С ожерельем из Унуита Элгиссиора была легкой добычей.
Правда после подобного надругательства вряд ли смельчак заслужит поощрение командира. Как это: сорвать цветок, что он хотел оставить себе?
Гиса встретилась взглядом с предложившим оголиться.
– Не забывайте, пожалуйста, что перед Вами стоит киосса.
Вот эта фраза вызвала секундное молчание во всем ангаре, а после свист и дружное «О-о-о!».
– А что, у принцесс между ног что-то иное, нежели у других баб? Ежели так, просвети, киосса! – он неторопливо поднялся с места и начал приближаться.
Фу, как вульгарно!
Дернувшееся в панике сердечко, как и ухнувшая в пятки душа не позволили демонице отступить.
Стоит показать свой страх, и они ее съедят заживо.
Напротив, расправив плечи и вздернув нос, Элгиссиора едко заметила:
– Кто Вы такой, чтобы задавать подобные вопросы коронованной особе? И тем более, какое имеете право ставить себя вровень с лордами, которым позволено рассуждать на темы, близкие к интимным? Я не вижу на вашей груди знаков отличия. Как и на эфесе кинжала. – Она взглядом указала на рукоять, заткнутую за пояс.
– О, посмотрите-ка, принцесска вздумала показывать характер! – Он подошел к ней вплотную, уже нависая сверху. – Значит, нужно будет приструнить.
Давай Гиса, не отходи!
Не вздумай отступать!
Только в глаза. Только решительно.
– Попробуйте. И я с удовольствием посмотрю, как лорд Иррьят разомнет о Ваше лицо кулаки, а ребра переломает, прежде чем выставить за пределы крепости. Мне довелось узреть, как де Нергивен обращается с неугодными ему мужами. Сломанные конечности будут лишь вершиной айсберга на долгом пути по морозной, безлюдной и продуваемой ветрами пустоши. Без пропитания, теплой одежды и поддержки селений. Изгнание здесь становится смертным приговором, не так ли? – Она следила за тем, как ухмылка на лице Белого постепенно превращалась в маску неприкрытой злости. – Я являюсь гостьей в этом замке, как не единожды подмечал лорд Максуэл. И нахожусь под его личной протекцией. Попробуйте навредить мне, и встретите закономерную отдачу.

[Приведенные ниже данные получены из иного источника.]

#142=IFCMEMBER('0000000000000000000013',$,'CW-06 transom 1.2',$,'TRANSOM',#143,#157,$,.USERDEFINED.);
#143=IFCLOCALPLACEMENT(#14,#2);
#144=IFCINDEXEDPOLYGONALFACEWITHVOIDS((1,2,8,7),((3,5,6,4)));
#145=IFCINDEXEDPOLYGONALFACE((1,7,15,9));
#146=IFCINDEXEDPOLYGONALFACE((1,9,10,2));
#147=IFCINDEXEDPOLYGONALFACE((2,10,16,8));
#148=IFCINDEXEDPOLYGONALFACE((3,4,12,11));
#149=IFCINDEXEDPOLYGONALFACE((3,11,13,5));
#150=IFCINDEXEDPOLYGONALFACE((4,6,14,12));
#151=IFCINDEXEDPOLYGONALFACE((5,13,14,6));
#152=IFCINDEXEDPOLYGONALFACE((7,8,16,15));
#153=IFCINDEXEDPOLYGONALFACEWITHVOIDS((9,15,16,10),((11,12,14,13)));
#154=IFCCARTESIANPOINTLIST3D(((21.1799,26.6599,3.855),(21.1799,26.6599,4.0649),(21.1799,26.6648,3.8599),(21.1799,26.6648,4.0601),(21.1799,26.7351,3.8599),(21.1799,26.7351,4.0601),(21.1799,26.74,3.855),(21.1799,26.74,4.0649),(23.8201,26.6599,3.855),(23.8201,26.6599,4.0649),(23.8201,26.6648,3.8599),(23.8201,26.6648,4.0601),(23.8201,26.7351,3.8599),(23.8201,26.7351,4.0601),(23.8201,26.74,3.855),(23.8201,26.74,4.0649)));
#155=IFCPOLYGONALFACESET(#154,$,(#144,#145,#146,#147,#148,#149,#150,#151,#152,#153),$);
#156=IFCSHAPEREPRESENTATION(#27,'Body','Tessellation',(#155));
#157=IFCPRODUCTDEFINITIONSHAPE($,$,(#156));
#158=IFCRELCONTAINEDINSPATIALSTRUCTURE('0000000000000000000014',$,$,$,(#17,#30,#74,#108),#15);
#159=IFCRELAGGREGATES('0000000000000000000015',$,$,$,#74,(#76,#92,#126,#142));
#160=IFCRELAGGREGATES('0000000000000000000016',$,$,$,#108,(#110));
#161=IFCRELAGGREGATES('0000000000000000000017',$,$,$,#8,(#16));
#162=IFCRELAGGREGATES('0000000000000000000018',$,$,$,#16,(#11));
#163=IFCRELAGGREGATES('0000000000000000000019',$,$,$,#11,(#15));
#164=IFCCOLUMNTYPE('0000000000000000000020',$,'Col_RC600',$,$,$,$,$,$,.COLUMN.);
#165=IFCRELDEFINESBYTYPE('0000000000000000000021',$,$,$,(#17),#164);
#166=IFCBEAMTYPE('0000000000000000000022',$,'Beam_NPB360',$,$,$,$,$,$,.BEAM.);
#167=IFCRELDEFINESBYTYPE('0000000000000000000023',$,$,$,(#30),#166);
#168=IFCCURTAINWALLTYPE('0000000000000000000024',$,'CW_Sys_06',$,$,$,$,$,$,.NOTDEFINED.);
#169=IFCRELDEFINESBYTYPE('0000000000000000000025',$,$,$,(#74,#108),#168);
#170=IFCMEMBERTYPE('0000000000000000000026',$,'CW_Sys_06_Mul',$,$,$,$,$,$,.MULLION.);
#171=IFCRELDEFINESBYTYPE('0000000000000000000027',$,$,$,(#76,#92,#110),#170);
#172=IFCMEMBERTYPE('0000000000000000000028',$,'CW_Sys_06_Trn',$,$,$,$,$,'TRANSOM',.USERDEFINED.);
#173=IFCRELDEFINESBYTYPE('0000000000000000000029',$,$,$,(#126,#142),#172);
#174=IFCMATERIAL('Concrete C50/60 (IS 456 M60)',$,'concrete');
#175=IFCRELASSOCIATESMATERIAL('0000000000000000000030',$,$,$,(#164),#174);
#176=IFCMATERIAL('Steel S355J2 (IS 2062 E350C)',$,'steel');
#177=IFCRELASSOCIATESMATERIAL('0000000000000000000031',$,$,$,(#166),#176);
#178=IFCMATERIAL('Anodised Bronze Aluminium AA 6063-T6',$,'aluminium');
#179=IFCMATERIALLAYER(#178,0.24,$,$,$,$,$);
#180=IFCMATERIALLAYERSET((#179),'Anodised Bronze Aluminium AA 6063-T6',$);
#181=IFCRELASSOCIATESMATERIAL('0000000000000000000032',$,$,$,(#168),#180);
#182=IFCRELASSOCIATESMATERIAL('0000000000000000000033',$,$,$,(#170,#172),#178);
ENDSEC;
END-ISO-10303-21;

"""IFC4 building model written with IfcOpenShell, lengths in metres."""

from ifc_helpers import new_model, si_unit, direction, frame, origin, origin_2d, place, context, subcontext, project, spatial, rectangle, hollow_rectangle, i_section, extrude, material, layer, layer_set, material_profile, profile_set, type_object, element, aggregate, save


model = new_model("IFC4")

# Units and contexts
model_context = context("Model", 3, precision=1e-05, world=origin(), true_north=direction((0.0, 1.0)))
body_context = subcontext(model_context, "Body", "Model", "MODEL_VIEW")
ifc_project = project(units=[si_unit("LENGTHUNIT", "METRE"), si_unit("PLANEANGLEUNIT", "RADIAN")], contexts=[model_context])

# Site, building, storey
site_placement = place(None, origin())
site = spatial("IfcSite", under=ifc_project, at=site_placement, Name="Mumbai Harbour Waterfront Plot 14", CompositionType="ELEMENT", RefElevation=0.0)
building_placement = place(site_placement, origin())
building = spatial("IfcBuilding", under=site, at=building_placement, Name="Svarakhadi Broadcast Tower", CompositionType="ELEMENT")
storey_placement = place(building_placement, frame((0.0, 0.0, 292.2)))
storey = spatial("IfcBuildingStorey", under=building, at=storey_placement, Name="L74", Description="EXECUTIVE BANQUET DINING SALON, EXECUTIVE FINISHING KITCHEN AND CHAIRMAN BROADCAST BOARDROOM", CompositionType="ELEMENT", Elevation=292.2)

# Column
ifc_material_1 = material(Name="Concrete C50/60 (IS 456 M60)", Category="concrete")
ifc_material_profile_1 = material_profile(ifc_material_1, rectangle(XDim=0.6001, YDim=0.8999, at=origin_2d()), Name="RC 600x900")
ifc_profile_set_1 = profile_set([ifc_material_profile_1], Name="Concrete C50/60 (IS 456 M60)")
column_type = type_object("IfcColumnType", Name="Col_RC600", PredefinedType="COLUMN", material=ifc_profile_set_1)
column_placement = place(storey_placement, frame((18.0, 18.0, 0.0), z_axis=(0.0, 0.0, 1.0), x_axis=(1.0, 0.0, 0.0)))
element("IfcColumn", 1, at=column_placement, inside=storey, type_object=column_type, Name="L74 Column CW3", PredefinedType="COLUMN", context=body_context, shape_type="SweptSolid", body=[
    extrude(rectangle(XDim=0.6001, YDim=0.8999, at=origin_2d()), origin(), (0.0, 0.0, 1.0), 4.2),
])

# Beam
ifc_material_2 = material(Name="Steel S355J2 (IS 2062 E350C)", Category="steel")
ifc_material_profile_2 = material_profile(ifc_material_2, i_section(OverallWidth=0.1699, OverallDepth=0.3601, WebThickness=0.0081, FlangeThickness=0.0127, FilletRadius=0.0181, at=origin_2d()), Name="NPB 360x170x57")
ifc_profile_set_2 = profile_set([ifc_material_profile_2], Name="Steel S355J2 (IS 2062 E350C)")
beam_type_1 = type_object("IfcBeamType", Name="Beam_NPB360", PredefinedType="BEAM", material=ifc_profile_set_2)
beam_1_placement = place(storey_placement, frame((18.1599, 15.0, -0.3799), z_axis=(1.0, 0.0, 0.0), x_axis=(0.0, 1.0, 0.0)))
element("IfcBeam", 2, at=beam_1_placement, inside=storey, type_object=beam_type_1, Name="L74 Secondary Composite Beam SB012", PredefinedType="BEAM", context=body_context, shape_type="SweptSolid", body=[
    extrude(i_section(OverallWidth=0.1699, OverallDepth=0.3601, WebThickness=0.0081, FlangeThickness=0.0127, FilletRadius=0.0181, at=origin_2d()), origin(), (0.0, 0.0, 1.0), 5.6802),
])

Блондин скрипнул зубами, сплюнул на пол, да промолчал. Лишь побуравил ее взглядом, после чего вернулся на место, выхватив с ближайшего стола скребок, принявшись также точить лезвие.
Второй «зазывала» лишь сложил руки на груди, да остался при своем мнении. Благо, молчаливом.
Неужели ей удалось предотвратить неминуемое?
Лишь словами о возможном гневе Иррьята?
Она палила с закрытыми глазами, да попала в цель?
Воины не были поставлены в известность, что их ожидает за попытку причинить ей вред?
Бешеный стук пульса в висках и взмокшие ладони, что девушка спрятала за спину, сцепив в замок, не позволяли продолжить речь.
А если бы ее пустая бравада рассыпалась бы в пыль? Вдруг этих ребят было бы не испугать упоминанием, что она – игрушка их предводителя?
Но, слава Гисхильдису, этого не произошло.